Because of the fine persistence of the Ombudsman's office in highlighting these flagrant injustices, social welfare law was changed in 1997 to make it much easier for people to claim arrears to which they are entitled. But the new arrangements were not retrospective and did not apply to those who had made late claims before the start of 1997. Dermot Ahern's Department of Social, Community and Family Affairs continued to insist that the pensioners who had been denied their money at the time when the State was allowing rich people to evade their taxes would get nothing. The Department estimated that to pay them what they were owed would cost £27 million.

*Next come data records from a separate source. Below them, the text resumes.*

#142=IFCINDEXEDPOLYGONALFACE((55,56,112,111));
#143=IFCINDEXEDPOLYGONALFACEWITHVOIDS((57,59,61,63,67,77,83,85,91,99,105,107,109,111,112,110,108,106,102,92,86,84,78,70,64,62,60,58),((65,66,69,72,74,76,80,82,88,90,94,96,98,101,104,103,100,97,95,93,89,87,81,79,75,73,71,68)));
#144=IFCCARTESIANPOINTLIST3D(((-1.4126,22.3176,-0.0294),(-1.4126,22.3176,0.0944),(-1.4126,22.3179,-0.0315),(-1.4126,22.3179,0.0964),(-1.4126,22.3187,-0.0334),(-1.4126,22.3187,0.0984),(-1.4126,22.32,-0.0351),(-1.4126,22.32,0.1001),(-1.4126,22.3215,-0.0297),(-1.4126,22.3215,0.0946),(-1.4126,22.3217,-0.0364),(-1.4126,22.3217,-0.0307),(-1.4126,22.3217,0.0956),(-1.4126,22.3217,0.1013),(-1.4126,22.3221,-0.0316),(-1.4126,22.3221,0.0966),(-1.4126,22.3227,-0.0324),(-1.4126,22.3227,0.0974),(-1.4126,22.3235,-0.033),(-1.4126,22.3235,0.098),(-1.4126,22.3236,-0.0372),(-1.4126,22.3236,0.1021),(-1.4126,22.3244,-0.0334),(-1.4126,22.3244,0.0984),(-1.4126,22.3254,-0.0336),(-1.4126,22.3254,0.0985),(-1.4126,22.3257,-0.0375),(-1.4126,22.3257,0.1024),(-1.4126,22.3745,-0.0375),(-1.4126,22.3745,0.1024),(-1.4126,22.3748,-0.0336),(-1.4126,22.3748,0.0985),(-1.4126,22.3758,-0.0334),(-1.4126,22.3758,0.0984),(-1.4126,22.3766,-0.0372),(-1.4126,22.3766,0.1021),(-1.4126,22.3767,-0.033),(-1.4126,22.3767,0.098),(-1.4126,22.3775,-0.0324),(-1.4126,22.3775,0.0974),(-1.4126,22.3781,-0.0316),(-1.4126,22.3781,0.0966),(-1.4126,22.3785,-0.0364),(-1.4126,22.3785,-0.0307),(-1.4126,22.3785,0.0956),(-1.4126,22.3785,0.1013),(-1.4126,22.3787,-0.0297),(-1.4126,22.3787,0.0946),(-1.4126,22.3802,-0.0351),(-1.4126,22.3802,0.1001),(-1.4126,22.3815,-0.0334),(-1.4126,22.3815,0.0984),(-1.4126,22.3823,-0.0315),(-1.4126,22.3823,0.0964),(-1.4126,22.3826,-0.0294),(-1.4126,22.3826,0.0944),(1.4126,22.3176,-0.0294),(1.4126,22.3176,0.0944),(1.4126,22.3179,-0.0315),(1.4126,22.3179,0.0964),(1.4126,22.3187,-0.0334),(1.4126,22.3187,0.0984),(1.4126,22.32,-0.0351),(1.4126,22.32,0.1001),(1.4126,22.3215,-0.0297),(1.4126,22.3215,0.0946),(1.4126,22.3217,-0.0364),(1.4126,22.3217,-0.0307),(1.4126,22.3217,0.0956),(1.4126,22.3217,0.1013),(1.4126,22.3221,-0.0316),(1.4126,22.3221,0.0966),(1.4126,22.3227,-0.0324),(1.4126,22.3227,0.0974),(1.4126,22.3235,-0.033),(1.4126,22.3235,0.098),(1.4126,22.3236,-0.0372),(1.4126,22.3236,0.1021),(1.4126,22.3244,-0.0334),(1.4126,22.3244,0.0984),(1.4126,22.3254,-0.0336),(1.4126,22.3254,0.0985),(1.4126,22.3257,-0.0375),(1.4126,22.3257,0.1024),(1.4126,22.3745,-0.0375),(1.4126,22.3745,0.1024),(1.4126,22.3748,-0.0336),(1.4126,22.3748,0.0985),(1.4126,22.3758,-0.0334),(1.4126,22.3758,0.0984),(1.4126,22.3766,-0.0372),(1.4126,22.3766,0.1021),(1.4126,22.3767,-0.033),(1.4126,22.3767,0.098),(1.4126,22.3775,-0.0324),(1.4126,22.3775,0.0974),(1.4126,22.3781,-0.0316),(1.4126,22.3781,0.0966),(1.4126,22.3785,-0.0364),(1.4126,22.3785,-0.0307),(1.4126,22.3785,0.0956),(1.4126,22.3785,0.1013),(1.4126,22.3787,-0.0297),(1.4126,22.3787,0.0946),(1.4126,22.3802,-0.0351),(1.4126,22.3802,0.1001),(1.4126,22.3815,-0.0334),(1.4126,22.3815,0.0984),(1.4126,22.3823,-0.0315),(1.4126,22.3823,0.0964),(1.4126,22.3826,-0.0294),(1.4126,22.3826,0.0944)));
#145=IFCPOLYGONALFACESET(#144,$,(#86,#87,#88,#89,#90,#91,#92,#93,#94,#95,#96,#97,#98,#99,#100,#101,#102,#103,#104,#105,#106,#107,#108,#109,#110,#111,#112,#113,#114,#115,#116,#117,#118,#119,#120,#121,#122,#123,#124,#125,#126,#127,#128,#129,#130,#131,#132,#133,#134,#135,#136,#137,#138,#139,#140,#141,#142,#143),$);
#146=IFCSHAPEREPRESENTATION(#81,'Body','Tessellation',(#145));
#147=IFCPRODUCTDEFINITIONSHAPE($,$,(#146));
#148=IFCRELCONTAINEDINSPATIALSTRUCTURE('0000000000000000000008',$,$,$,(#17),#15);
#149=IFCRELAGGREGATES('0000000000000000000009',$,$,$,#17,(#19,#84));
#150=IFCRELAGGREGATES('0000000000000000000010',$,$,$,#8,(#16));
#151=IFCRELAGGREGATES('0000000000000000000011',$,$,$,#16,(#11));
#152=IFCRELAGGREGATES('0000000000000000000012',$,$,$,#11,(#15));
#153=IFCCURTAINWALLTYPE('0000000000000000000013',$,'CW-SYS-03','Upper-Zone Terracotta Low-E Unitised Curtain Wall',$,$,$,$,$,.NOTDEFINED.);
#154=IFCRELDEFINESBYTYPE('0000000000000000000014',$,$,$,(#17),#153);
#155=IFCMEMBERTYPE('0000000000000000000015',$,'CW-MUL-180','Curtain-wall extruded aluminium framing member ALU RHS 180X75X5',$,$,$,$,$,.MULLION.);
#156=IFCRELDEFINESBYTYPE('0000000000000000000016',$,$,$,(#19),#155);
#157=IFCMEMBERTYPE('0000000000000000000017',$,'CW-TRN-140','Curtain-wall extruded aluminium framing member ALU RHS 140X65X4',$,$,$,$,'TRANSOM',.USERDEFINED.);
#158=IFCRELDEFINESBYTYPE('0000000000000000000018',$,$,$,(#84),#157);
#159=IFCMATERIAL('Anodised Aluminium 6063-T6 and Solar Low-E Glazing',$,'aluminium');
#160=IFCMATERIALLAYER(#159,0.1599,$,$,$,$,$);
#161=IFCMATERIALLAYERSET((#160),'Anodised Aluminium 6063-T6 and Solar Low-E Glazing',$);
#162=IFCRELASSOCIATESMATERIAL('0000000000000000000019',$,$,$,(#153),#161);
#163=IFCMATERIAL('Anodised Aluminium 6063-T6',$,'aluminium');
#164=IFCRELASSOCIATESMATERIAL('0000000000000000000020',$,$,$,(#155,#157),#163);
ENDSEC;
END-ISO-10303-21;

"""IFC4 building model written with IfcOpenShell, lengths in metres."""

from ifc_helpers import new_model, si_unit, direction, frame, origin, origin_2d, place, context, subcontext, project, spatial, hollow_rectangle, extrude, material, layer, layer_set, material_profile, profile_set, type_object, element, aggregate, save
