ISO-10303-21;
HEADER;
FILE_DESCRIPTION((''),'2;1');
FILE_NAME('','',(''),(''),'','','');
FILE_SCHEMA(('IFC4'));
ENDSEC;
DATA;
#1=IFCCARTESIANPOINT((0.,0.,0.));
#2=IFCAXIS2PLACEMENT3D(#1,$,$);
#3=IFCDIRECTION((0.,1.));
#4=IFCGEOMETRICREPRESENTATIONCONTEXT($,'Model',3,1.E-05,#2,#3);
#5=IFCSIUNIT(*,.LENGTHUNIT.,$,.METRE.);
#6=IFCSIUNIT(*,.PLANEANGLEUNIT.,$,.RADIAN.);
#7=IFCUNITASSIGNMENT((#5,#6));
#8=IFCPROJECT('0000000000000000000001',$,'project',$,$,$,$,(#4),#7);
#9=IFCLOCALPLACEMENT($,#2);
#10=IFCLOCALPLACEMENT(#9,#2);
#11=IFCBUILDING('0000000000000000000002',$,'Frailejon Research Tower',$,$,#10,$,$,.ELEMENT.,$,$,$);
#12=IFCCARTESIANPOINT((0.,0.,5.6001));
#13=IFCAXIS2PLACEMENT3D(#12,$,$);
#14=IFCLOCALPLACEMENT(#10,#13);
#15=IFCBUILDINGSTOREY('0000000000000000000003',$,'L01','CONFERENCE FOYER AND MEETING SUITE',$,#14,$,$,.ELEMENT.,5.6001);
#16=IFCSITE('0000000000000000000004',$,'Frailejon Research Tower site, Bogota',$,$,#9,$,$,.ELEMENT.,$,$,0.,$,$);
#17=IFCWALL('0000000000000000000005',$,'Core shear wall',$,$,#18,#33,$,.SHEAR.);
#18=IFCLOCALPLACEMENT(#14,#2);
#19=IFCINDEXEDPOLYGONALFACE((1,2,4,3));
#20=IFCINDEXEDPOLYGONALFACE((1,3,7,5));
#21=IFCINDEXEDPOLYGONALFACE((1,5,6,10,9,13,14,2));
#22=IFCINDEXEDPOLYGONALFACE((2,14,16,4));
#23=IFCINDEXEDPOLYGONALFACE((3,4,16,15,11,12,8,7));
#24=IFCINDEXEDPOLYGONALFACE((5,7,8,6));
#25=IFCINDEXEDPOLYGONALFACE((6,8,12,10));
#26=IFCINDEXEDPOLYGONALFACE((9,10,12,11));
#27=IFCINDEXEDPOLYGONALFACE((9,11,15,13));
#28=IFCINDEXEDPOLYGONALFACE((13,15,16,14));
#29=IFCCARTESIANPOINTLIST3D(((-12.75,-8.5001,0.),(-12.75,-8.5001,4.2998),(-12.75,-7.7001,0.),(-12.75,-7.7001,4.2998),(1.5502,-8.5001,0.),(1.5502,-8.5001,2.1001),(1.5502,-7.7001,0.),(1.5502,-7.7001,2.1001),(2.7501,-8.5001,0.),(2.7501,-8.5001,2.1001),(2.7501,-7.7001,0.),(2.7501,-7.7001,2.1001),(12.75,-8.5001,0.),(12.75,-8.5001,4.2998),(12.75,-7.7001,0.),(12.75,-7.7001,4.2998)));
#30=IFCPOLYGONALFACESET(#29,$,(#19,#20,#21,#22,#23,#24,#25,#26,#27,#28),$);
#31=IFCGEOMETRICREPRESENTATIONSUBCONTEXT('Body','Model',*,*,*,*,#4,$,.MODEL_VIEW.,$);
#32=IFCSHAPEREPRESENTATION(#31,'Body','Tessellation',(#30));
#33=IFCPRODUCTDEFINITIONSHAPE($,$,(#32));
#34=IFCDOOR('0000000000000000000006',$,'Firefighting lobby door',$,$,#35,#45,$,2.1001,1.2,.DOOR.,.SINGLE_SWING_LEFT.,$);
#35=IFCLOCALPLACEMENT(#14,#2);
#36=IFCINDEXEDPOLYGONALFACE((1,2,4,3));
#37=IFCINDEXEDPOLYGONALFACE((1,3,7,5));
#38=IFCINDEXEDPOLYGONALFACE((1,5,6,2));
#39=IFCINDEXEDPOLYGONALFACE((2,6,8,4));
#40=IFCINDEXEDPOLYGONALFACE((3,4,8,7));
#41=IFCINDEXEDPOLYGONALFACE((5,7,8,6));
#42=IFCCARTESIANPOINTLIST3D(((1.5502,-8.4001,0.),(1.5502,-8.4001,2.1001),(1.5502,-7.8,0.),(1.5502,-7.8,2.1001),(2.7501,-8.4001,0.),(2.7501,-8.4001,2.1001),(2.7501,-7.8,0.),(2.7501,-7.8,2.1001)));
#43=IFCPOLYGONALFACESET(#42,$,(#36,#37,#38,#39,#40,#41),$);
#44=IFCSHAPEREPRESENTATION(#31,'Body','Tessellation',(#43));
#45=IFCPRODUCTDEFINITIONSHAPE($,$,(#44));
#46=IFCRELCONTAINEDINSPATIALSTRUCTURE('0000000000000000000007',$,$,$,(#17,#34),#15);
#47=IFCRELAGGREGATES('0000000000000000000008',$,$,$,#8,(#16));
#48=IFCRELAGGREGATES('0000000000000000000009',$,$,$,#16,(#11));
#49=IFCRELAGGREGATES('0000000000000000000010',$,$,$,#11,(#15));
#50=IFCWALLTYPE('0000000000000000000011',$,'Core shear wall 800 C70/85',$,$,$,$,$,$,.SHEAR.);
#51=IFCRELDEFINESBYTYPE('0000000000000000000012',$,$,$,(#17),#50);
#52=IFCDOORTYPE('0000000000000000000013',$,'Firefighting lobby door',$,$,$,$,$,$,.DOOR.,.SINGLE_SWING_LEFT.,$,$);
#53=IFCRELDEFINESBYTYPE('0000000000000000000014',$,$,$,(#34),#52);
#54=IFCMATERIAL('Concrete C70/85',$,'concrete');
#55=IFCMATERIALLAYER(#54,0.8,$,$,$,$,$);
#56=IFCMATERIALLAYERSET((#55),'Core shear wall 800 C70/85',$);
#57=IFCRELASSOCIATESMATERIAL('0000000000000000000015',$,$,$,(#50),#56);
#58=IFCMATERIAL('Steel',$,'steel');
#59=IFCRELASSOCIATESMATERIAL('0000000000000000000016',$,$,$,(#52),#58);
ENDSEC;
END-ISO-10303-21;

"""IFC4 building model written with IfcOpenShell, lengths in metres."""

from ifc_helpers import new_model, si_unit, direction, frame, frame_2d, origin, place, context, subcontext, project, spatial, rectangle, extrude, material, layer, layer_set, type_object, element, fill, save


model = new_model("IFC4")

# Units and contexts
model_context = context("Model", 3, precision=1e-05, world=origin(), true_north=direction((0.0, 1.0)))
body_context = subcontext(model_context, "Body", "Model", "MODEL_VIEW")
ifc_project = project(units=[si_unit("LENGTHUNIT", "METRE"), si_unit("PLANEANGLEUNIT", "RADIAN")], contexts=[model_context])

# Site, building, storey
site_placement = place(None, origin())
site = spatial("IfcSite", under=ifc_project, at=site_placement, Name="Frailejon Research Tower site, Bogota", CompositionType="ELEMENT", RefElevation=0.0)
building_placement = place(site_placement, origin())
building = spatial("IfcBuilding", under=site, at=building_placement, Name="Frailejon Research Tower", CompositionType="ELEMENT")
storey_placement = place(building_placement, frame((0.0, 0.0, 5.6001)))
storey = spatial("IfcBuildingStorey", under=building, at=storey_placement, Name="L01", Description="CONFERENCE FOYER AND MEETING SUITE", CompositionType="ELEMENT", Elevation=5.6001)

# Wall, opening, door
ifc_material_1 = material(Name="Concrete C70/85", Category="concrete")
ifc_layer_1 = layer(ifc_material_1, 0.8)
ifc_layer_set_1 = layer_set([ifc_layer_1], Name="Core shear wall 800 C70/85")
wall_type_1 = type_object("IfcWallType", Name="Core shear wall 800 C70/85", PredefinedType="SHEAR", material=ifc_layer_set_1)
wall_1_placement = place(storey_placement, frame((-12.75, -8.1001, 0.0), z_axis=(0.0, 0.0, 1.0), x_axis=(1.0, 0.0, 0.0)))
wall_1 = element("IfcWall", 1, at=wall_1_placement, inside=storey, type_object=wall_type_1, Name="Core shear wall", PredefinedType="SHEAR", context=body_context, shape_type="SweptSolid", body=[
    extrude(rectangle(XDim=25.5, YDim=0.8, at=frame_2d((12.75, 0.0))), origin(), (0.0, 0.0, 1.0), 4.2998),
])
opening_1_placement = place(wall_1_placement, frame((14.3, 0.0, 0.0)))
opening_1 = element("IfcOpeningElement", 2, at=opening_1_placement, cuts=wall_1, PredefinedType="OPENING", context=body_context, shape_type="SweptSolid", body=[
    extrude(rectangle(XDim=1.2, YDim=2.1001, at=frame_2d((0.6001, 1.05))), frame((0.0, 0.4099, 0.0), z_axis=(0.0, -1.0, 0.0), x_axis=(1.0, 0.0, 0.0)), (0.0, 0.0, 1.0), 0.8201),
])
ifc_material_2 = material(Name="Steel", Category="steel")
door_type_1 = type_object("IfcDoorType", Name="Firefighting lobby door", OperationType="SINGLE_SWING_LEFT", PredefinedType="DOOR", material=ifc_material_2)
door_1_placement = place(opening_1_placement, origin())
door_1 = element("IfcDoor", 3, at=door_1_placement, inside=storey, type_object=door_type_1, Name="Firefighting lobby door", OperationType="SINGLE_SWING_LEFT", OverallHeight=2.1001, OverallWidth=1.2, PredefinedType="DOOR", context=body_context, shape_type="SweptSolid", body=[
    extrude(rectangle(XDim=1.2, YDim=2.1001, at=frame_2d((0.6001, 1.05))), frame((0.0, 0.3, 0.0), z_axis=(0.0, -1.0, 0.0), x_axis=(1.0, 0.0, 0.0)), (0.0, 0.0, 1.0), 0.6001),
])
fill(opening_1, door_1)

save(model, "model.ifc")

EVENTUALLY, in last year's Budget, Charlie McCreevy made £10 million available to pay off the pensioners who had not received their entitlements, but this still means that they will get only about half of what they are owed. The State will now cover about four years arrears on old age pensions and five on widows' pensions for these people, rather than the three or six months they were originally given. But many people have arrears much longer than this. One extraordinary case highlighted by the Ombudsman is of a woman who ought to have been paid 44 years of her contributory widow's pension but has been given just 134 weeks of payment, amounting to just £6,500. In two other cases cited by the Ombudsman, the differences between what people ought to have been due and what they have got even under the new arrangements are, respectively, £11,000 and £29,000.

So, even now, the State can't quite bring itself to treat the little people with the kind of sympathy and flexibility it reserves for their betters. Even in this most nakedly outrageous of the injustices that went into the creation of the Irish boom, the idea of making some restitution to those who got the sharp edge of the State's double standards can't quite be countenanced.

The letter of the law, so meaningless for the bankers and businessmen, has, for the pensioners, an Old Testament implacability. And if the Government can't get its head around the notion that it might have a duty to pay pensioners what they are owed, how can we expect it to understand the need for retribution and restitution in the wider injustices of the Cayman economy?